Three candidates have been nominated to replace former Sri Lankan president Gotabaya Rajapaksa, who fled the country and resigned last week over the island's worsening economic crisis.

Opposition leader Sajith Premadasa said his party will work hard towards making ruling party dissident Dullas Alahapperuma the winner.
Opposition leader Sajith Premadasa said his party will work hard towards making ruling party dissident Dullas Alahapperuma the winner. (Reuters)

Sri Lanka's main opposition leader Sajith Premadasa has withdrawn from the country's presidential election in favour of a ruling party dissident.

Premadasa announced the move on Twitter minutes before nominations formally opened on Tuesday.

He said "for the greater good of my country that I love and the people I cherish" his party will support Dullas Alahapperuma, a senior ruling party lawmaker, to replace Gotabaya Rajapaksa who resigned last week.

His party and "our alliance and our opposition partners will work hard towards making" Dullas Alahapperuma the winner, Premadasa added.

Alahapperuma is up against six-time Prime Minister Ranil Wickremesinghe — who took over as acting president — and leftist leader Anura Dissanayake in a secret ballot on Wednesday.

The winner will take charge of a bankrupt country that is in talks with the IMF for a bailout as its 22 million people endure severe shortages of food, fuel and medicines. 



 

Worst economic crisis since independence 

Hit hard by the pandemic and tax cuts by the Rajapaksa government, Sri Lanka is in the midst of its worst economic crisis since it won independence from Great Britain in 1948.

Inflation of over 50 percent and shortages of food, fuel and medicines have brought thousands onto the streets in months of protests that culminated in Rajapaksa's ousting.

Sri Lankan students and other groups planned to protest on Tuesday against Wickremesinghe's bid for president.
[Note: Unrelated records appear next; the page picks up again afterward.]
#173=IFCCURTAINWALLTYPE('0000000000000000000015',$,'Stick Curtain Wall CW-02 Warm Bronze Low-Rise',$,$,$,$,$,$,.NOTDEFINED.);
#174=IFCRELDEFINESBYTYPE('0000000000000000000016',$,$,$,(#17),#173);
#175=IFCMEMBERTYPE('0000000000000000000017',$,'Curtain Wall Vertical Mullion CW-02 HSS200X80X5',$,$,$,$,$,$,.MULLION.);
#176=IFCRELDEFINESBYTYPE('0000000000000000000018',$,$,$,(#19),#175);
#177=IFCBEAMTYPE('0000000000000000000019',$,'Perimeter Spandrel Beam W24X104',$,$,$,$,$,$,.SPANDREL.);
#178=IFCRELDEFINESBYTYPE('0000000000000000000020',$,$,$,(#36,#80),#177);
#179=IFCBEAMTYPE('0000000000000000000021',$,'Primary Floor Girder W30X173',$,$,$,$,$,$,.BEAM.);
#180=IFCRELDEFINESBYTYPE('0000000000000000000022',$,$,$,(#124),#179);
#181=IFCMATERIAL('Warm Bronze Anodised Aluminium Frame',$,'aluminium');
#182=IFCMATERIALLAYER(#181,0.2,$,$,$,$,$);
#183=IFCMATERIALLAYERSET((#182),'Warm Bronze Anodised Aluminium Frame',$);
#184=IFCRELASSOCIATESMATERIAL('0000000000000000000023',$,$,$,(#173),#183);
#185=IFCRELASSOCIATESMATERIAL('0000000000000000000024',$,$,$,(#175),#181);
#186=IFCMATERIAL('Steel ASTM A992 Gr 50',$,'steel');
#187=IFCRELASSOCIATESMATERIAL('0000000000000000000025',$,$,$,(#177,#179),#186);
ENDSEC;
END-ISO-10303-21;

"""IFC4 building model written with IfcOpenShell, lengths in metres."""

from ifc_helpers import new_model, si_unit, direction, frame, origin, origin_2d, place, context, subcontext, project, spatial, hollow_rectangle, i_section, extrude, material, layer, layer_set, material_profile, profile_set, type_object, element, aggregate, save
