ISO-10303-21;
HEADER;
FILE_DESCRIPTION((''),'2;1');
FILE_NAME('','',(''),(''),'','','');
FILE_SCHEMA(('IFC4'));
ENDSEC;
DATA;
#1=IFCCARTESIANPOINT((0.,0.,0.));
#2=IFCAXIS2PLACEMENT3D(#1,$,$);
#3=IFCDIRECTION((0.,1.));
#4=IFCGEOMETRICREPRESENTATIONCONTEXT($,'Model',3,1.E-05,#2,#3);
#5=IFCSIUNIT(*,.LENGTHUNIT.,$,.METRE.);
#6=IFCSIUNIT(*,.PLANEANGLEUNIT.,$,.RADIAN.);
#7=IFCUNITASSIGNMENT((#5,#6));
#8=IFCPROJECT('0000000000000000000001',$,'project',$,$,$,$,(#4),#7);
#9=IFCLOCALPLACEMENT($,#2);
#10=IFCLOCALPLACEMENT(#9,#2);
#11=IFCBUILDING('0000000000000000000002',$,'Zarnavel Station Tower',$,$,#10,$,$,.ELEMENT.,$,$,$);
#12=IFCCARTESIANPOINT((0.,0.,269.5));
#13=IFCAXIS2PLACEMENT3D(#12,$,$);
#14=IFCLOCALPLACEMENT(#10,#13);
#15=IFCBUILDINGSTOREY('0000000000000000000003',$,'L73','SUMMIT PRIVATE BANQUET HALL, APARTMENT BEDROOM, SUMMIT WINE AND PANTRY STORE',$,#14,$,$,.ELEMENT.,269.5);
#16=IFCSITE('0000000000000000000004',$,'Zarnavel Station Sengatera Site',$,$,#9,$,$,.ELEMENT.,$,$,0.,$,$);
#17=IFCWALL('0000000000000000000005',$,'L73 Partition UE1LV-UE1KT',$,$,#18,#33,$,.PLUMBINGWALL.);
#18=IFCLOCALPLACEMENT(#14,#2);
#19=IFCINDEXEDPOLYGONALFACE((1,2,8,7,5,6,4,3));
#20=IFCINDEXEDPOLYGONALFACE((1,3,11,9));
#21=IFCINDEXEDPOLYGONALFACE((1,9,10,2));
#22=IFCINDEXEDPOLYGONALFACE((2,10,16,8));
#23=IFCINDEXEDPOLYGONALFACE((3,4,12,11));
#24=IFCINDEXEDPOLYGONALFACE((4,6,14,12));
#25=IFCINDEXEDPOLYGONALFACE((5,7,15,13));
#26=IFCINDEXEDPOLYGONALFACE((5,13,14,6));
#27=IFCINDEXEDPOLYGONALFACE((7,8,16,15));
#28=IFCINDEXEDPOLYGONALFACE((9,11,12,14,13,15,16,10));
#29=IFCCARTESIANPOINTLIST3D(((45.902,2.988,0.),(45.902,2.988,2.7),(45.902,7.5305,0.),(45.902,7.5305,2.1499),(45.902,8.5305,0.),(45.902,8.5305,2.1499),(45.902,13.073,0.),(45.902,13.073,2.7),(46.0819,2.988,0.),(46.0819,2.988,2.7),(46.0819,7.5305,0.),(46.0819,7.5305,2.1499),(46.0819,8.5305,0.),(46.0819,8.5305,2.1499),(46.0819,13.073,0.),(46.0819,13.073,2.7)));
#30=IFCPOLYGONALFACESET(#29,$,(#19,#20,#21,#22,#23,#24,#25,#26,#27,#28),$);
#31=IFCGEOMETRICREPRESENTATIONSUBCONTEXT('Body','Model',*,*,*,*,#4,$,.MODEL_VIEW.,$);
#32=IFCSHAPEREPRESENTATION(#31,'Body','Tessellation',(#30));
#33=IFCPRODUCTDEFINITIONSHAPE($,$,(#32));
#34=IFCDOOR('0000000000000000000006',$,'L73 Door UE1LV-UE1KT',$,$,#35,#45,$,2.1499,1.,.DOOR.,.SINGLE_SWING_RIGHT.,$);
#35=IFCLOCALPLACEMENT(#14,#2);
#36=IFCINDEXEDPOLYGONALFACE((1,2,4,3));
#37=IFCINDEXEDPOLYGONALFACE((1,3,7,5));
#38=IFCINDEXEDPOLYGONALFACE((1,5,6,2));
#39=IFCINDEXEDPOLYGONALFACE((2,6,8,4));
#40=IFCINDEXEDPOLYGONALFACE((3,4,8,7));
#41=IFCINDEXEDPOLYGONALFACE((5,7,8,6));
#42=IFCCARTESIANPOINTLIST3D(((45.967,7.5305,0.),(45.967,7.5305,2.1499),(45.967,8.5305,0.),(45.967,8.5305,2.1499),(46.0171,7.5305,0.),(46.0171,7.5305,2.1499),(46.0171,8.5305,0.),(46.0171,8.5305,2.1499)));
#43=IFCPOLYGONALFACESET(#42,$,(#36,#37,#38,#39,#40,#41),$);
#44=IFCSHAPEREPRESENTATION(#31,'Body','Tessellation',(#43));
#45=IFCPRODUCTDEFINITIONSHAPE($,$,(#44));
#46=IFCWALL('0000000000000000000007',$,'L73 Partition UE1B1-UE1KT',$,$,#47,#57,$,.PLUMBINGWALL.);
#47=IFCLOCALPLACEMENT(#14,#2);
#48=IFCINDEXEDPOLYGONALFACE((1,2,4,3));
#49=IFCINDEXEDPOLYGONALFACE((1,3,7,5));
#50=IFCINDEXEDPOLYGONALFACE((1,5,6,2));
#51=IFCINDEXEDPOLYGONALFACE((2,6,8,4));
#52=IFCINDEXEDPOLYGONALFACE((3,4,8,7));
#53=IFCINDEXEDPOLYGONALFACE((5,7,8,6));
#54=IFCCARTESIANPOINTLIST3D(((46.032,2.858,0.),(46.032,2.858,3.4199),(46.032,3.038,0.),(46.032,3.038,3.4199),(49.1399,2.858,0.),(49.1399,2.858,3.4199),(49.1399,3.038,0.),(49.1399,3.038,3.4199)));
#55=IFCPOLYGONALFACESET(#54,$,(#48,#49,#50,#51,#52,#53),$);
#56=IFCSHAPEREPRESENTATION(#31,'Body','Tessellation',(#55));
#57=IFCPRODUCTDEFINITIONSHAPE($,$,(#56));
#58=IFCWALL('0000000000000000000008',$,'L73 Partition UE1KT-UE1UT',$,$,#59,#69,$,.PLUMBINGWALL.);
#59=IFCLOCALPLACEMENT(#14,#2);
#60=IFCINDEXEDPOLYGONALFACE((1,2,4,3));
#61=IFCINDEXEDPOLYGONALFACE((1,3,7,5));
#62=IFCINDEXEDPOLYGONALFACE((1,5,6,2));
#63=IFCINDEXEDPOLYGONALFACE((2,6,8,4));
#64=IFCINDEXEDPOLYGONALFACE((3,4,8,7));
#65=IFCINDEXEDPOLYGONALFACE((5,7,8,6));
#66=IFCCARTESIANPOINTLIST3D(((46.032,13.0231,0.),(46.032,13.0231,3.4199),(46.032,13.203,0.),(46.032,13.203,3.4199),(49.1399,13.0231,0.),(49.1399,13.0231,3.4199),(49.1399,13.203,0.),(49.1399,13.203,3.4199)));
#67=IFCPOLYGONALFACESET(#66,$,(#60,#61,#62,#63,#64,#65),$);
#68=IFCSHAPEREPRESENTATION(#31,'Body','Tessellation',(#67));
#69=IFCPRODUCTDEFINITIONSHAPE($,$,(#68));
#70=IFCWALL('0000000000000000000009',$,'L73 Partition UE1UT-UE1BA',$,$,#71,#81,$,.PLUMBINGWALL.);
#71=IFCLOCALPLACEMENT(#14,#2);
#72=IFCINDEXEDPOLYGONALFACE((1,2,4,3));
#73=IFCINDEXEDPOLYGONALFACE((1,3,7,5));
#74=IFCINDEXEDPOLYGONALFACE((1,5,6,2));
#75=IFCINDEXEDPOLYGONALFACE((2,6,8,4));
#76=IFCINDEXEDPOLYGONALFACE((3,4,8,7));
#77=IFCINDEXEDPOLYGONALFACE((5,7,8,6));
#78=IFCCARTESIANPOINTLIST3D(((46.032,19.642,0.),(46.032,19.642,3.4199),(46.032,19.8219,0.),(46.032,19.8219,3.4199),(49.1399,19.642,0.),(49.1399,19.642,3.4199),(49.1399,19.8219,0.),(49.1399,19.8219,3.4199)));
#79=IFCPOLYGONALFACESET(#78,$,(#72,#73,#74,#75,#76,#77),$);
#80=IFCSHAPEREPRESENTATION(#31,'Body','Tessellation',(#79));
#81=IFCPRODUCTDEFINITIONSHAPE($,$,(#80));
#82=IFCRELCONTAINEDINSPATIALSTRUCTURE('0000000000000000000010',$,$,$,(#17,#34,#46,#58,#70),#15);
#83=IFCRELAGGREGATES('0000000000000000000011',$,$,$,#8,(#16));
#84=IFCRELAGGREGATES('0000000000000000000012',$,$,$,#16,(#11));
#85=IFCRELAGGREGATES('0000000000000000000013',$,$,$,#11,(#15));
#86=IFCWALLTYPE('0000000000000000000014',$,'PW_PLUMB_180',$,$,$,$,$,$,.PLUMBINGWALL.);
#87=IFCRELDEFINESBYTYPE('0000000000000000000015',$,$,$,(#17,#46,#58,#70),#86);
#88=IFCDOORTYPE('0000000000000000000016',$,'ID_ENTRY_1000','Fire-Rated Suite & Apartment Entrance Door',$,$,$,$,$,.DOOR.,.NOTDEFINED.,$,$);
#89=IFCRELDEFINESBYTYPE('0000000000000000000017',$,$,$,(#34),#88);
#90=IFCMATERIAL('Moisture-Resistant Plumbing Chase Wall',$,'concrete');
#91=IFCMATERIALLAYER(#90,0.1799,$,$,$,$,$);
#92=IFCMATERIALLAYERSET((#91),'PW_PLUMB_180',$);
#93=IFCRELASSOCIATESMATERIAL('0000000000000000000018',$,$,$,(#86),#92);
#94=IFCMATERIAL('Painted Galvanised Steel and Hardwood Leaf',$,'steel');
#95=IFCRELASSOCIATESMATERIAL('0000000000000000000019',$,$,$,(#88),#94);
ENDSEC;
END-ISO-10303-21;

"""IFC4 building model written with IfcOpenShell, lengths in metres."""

from ifc_helpers import new_model, si_unit, direction, frame, frame_2d, origin, place, context, subcontext, project, spatial, rectangle, extrude, material, layer, layer_set, type_object, element, fill, save


model = new_model("IFC4")

# Units and contexts
model_context = context("Model", 3, precision=1e-05, world=origin(), true_north=direction((0.0, 1.0)))
body_context = subcontext(model_context, "Body", "Model", "MODEL_VIEW")
ifc_project = project(units=[si_unit("LENGTHUNIT", "METRE"), si_unit("PLANEANGLEUNIT", "RADIAN")], contexts=[model_context])

# Site, building, storey
site_placement = place(None, origin())
site = spatial("IfcSite", under=ifc_project, at=site_placement, Name="Zarnavel Station Sengatera Site", CompositionType="ELEMENT", RefElevation=0.0)
building_placement = place(site_placement, origin())
building = spatial("IfcBuilding", under=site, at=building_placement, Name="Zarnavel Station Tower", CompositionType="ELEMENT")
storey_placement = place(building_placement, frame((0.0, 0.0, 269.5)))
storey = spatial("IfcBuildingStorey", under=building, at=storey_placement, Name="L73", Description="SUMMIT PRIVATE BANQUET HALL, APARTMENT BEDROOM, SUMMIT WINE AND PANTRY STORE", CompositionType="ELEMENT", Elevation=269.5)

# Shared definitions
ifc_material_1 = material(Name="Moisture-Resistant Plumbing Chase Wall", Category="concrete")
ifc_layer_1 = layer(ifc_material_1, 0.1799)
ifc_layer_set_1 = layer_set([ifc_layer_1], Name="PW_PLUMB_180")
wall_type_1 = type_object("IfcWallType", Name="PW_PLUMB_180", PredefinedType="PLUMBINGWALL", material=ifc_layer_set_1)
ifc_material_2 = material(Name="Painted Galvanised Steel and Hardwood Leaf", Category="steel")
door_type_1 = type_object("IfcDoorType", Name="ID_ENTRY_1000", Description="Fire-Rated Suite & Apartment Entrance Door", OperationType="NOTDEFINED", PredefinedType="DOOR", material=ifc_material_2)

# Wall, opening, door
wall_1_placement = place(storey_placement, frame((45.9919, 2.988, 0.0), z_axis=(0.0, 0.0, 1.0), x_axis=(0.0, 1.0, 0.0)))
wall_1 = element("IfcWall", 1, at=wall_1_placement, inside=storey, type_object=wall_type_1, Name="L73 Partition UE1LV-UE1KT", PredefinedType="PLUMBINGWALL", context=body_context, shape_type="SweptSolid", body=[
    extrude(rectangle(XDim=10.085, YDim=0.1799, at=frame_2d((5.0425, 0.0))), origin(), (0.0, 0.0, 1.0), 2.7),
])
opening_1_placement = place(wall_1_placement, frame((4.5425, 0.0, 0.0)))
opening_1 = element("IfcOpeningElement", 2, at=opening_1_placement, cuts=wall_1, PredefinedType="OPENING", context=body_context, shape_type="SweptSolid", body=[
    extrude(rectangle(XDim=1.0, YDim=2.1499, at=frame_2d((0.5, 1.075))), frame((0.0, 0.0999, 0.0), z_axis=(0.0, -1.0, 0.0), x_axis=(1.0, 0.0, 0.0)), (0.0, 0.0, 1.0), 0.2),
])
door_1_placement = place(opening_1_placement, origin())
door_1 = element("IfcDoor", 3, at=door_1_placement, inside=storey, type_object=door_type_1, Name="L73 Door UE1LV-UE1KT", OperationType="SINGLE_SWING_RIGHT", OverallHeight=2.1499, OverallWidth=1.0, PredefinedType="DOOR", context=body_context, shape_type="SweptSolid", body=[
    extrude(rectangle(XDim=1.0, YDim=2.1499, at=frame_2d((0.5, 1.075))), frame((0.0, 0.0249, 0.0), z_axis=(0.0, -1.0, 0.0), x_axis=(1.0, 0.0, 0.0)), (0.0, 0.0, 1.0), 0.05),
])
fill(opening_1, door_1)

# Walls
for number, where, z_axis, x_axis, name in (
    (4, (46.032, 2.948, 0.0), (0.0, 0.0, 1.0), (1.0, 0.0, 0.0), "L73 Partition UE1B1-UE1KT"),
    (5, (46.032, 13.113, 0.0), (0.0, 0.0, 1.0), (1.0, 0.0, 0.0), "L73 Partition UE1KT-UE1UT"),
    (6, (46.032, 19.7319, 0.0), (0.0, 0.0, 1.0), (1.0, 0.0, 0.0), "L73 Partition UE1UT-UE1BA"),
):
    element("IfcWall", number, at=place(storey_placement, frame(where, z_axis=z_axis, x_axis=x_axis)), inside=storey, type_object=wall_type_1, Name=name, PredefinedType="PLUMBINGWALL", context=body_context, shape_type="SweptSolid", body=[
        extrude(rectangle(XDim=3.1079, YDim=0.1799, at=frame_2d((1.554, 0.0))), origin(), (0.0, 0.0, 1.0), 3.4199),
    ])

save(model, "model.ifc")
The veteran politician is despised by the protesters as an ally of the Rajapaksa clan, four brothers who have dominated the island's politics for years.

Protesters accuse Rajapaksa and his powerful political family of siphoning money from government coffers and of hastening the country’s collapse by mismanaging the economy. 

The family has denied the corruption allegations, but Rajapaksa acknowledged that some of his policies contributed to Sri Lanka's meltdown.